Tom Rollison, a retired woodworker from Novato, participated in the San Francisco protests to fight what he perceives as the "overt war on the working-class people," and views the Uncutters as a much-needed example of true populism in action.

"There's an inherent falseness to the Tea Party, where it's supposed to be this grassroots movement, but as we all know it's a creature of people like the Koch brothers and their billionaire buddies, who are just showering all kinds of money on it," says Rollison. "It's amazing that there hasn't been a more, shall we say, 'educated' populist movement."

Gifford thinks the Uncutters is just that movement. "When people find out the truth about it," she says, "they're shocked and outraged."

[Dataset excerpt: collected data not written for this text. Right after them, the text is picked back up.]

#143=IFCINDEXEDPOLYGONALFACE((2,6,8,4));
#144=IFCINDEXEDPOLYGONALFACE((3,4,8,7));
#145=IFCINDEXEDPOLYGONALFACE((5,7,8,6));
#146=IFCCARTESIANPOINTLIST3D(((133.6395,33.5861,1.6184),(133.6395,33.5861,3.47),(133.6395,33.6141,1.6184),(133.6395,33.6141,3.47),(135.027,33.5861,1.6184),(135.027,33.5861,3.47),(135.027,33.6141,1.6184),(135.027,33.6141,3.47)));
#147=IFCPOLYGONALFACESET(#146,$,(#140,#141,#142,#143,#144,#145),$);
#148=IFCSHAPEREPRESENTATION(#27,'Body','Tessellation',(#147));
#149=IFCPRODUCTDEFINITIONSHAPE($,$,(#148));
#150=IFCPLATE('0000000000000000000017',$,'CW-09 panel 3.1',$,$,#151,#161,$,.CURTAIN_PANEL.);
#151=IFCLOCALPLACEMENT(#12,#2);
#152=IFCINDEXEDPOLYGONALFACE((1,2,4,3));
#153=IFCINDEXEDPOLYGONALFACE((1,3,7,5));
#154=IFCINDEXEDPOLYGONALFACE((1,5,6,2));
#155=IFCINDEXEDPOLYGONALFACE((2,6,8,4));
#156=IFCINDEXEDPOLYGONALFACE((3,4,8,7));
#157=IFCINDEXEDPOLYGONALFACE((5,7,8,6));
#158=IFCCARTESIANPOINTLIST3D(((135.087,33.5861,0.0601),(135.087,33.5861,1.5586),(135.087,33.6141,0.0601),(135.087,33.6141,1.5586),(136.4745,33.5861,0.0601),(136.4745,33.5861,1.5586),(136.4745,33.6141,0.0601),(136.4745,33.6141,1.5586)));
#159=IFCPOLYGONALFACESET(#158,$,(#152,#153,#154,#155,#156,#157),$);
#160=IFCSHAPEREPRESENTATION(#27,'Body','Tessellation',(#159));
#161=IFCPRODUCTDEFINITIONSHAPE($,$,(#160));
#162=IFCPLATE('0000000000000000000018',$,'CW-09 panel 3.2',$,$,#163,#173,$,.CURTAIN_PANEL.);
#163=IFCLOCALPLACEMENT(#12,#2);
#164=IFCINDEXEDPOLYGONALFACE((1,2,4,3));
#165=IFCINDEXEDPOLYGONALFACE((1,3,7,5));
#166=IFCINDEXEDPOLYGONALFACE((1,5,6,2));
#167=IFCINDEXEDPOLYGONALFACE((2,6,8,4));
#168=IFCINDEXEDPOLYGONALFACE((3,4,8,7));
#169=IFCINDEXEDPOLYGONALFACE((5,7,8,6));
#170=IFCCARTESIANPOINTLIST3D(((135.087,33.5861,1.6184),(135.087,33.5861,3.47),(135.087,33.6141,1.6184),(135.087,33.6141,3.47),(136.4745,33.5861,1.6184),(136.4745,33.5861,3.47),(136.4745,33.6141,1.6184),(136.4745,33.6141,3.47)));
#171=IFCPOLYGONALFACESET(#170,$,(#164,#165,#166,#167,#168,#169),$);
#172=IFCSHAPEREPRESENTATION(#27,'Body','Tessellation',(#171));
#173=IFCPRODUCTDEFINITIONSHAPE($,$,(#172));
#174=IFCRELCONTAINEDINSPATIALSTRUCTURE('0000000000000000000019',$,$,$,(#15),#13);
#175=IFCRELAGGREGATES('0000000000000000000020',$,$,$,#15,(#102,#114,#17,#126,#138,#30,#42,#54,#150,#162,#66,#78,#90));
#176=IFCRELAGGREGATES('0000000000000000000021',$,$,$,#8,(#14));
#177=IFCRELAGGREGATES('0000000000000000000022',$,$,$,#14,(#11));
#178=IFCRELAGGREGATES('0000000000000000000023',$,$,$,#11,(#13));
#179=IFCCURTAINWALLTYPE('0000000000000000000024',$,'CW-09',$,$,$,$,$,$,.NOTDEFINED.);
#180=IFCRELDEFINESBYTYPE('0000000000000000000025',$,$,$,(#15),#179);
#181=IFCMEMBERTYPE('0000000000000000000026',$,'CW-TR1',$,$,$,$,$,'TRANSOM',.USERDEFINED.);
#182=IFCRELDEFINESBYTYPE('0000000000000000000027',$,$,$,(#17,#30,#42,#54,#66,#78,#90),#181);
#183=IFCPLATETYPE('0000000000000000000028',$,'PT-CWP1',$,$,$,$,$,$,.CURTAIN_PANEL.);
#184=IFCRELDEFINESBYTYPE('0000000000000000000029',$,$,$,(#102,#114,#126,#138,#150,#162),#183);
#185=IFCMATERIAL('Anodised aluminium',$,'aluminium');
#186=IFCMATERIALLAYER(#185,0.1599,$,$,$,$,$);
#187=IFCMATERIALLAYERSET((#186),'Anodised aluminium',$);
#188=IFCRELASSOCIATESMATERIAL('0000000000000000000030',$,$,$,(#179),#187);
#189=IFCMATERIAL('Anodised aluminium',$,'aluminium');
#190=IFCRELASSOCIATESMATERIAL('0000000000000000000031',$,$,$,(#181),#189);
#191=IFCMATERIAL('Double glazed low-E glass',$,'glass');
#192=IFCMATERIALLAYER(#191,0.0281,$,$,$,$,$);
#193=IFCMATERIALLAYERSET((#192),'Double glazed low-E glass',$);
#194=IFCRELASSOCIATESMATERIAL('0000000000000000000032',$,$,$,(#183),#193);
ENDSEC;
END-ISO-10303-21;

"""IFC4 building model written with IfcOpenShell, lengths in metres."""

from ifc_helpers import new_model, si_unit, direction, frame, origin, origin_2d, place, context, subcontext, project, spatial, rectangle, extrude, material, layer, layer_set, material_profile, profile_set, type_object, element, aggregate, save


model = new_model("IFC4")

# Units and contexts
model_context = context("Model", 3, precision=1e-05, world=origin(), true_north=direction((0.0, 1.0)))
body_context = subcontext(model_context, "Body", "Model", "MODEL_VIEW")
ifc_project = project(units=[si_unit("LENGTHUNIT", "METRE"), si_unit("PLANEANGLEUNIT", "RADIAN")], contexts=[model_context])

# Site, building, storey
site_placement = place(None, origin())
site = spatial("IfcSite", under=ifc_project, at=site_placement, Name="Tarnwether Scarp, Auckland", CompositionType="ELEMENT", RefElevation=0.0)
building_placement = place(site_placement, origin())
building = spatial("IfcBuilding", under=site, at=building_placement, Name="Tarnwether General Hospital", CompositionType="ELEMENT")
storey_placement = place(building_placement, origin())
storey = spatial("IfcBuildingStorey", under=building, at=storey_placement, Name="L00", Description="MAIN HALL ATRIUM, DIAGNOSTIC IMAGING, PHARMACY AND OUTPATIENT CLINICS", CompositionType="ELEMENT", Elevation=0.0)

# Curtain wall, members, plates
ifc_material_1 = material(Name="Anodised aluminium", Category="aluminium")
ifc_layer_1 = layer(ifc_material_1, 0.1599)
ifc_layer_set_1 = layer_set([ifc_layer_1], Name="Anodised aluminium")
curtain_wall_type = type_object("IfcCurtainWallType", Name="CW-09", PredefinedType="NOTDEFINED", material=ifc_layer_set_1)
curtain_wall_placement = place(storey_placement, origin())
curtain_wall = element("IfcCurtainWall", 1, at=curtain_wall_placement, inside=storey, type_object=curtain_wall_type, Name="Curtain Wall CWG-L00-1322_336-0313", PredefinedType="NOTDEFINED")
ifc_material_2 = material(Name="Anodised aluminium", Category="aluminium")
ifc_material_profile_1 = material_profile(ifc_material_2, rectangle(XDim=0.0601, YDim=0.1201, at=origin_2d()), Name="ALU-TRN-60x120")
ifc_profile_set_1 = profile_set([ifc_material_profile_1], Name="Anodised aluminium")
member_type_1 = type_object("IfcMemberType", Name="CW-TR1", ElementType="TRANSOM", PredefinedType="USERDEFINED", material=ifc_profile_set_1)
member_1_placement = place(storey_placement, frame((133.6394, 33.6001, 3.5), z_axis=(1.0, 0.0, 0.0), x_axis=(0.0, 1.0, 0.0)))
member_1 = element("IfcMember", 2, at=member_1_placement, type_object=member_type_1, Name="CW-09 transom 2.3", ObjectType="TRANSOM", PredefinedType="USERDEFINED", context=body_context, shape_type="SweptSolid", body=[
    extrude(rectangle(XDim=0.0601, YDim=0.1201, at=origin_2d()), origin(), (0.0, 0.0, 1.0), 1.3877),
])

More actions are planned by US Uncut in the coming weeks and months. And though it remains to be seen whether their rapid-fire energy can grow into an actual force to be reckoned with—like the Tea Party, whose members won elections across the country last November—their existence answers the 21st-century call for a liberal movement that actually instigates people to action.

"The fact that the movement is decentralized is a very good sign, strategically speaking," says Cynthia Boaz, an assistant professor at Sonoma State University who specializes in nonviolent action and civil resistance. "I think the movement will grow quickly, as it has an authentic and truly populist message that is likely to resonate across all social and political spectrums."